HESPERIDIN (HDN) AN ANTIOXIDANT FLAVONOID PREVENTS CARBON TETRACHLORIDE (CCl4) - INDUCED ‎HEPATIC TOXICITY IN MALE ALBINO RATS

ABSTRACT

Background: Through this research work, an experimental study was conducted to evaluate the protective effects of an antioxidant (Hesperidin) on carbon tetrachloride-induced hepatic toxicity. This effect was evaluated through assessment of liver functions as well as histopathological changes in livers of rats exposed to Hesperidin prior to carbon tetrachloride.

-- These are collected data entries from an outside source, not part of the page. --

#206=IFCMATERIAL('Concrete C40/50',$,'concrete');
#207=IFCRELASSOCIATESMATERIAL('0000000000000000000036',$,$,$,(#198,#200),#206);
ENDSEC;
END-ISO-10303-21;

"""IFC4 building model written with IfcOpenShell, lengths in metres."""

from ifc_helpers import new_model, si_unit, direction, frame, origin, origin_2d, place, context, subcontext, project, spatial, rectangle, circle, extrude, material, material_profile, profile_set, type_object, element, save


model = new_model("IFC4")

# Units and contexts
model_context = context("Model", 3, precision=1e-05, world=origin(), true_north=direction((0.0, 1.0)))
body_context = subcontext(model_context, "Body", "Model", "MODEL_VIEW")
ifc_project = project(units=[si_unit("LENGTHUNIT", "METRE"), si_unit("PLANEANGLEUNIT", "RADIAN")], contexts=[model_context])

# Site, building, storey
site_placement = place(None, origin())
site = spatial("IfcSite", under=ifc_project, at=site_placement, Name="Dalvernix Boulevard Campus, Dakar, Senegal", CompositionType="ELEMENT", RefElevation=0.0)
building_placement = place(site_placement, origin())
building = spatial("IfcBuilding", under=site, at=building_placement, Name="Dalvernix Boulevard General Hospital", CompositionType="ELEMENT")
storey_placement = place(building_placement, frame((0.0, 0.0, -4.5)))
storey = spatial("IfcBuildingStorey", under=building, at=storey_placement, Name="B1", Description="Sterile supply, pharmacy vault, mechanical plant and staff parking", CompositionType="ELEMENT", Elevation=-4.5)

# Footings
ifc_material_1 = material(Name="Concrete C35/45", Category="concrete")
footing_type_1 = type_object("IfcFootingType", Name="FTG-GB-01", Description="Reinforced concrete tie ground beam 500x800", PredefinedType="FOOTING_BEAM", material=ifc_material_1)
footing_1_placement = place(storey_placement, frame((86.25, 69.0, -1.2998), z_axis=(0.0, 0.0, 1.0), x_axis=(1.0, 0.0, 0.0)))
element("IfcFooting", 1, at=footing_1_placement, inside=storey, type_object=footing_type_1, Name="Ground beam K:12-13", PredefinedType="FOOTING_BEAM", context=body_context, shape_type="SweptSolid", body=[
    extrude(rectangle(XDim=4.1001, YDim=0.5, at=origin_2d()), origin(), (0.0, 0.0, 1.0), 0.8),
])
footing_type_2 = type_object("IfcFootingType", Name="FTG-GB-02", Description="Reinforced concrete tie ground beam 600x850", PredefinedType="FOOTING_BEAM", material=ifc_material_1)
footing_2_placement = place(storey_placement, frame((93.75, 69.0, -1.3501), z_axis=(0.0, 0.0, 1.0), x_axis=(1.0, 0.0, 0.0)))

Materials and Methods: Thirty two male albino rats (160-200 gm) were chosen as an animal model for this study and distributed to four equal groups each of 8 rats. Group I (Negative control group, i.e., No CCL₄ or HDN). Group II (Positive control group): received vehicle (Carboxymethyl Cellulose) for 10 days and were challenged with CCl₄ 2 ml/kg/SC (40% v/v in olive oil) on 8^th day. Group III (HDN: 100 mg/kg): rats received HDN continuously for 8 days. On 8^th day, they received CCl₄ 2ml/kg/SC in olive oil. HDN was further continued for 2 more days. Group IV (HDN: 200 mg/kg): rats received HDN continuously for 8 days. On 8^th day, they received CCl₄ 2ml/kg/SC in olive oil. HDN was further continued for 2 more days. After ten days of treatment, the following were assessed: liver enzymes, tumour necrosis factor –alpha, oxidant parameters as malondialdehyde and antioxidant parameters as glutathione, superoxide dismutase, and total antioxidant capacity. Histopathological examination of the liver tissues was conducted.

Results: Hesperidin in the dose of 100 and 200 mg/kg produced a significant decrease in the levels of liver enzymes, alanine aminotransferase (ALT) and aspartate aminotransferase (AST),tumour necrosis factor–alpha(TNF-α), and oxidant parameters as malondialdehyde (MDA). Antioxidant parameters as glutathione (GSH), superoxide dismutase (SOD), and total antioxidant capacity (T-AOC), also have shown significant increase. These findings were confirmatory to histopathology.

Conclusion: Hesperidin in a dose of 100 and 200 mg/kg offers significant protection against hepatotoxicity produced by CCl₄ in albino rats, but this protection is dose-dependent.

KEYWORDS: Hesperidin (HDN), Antioxidants, Hepatic Toxicity and CCl4.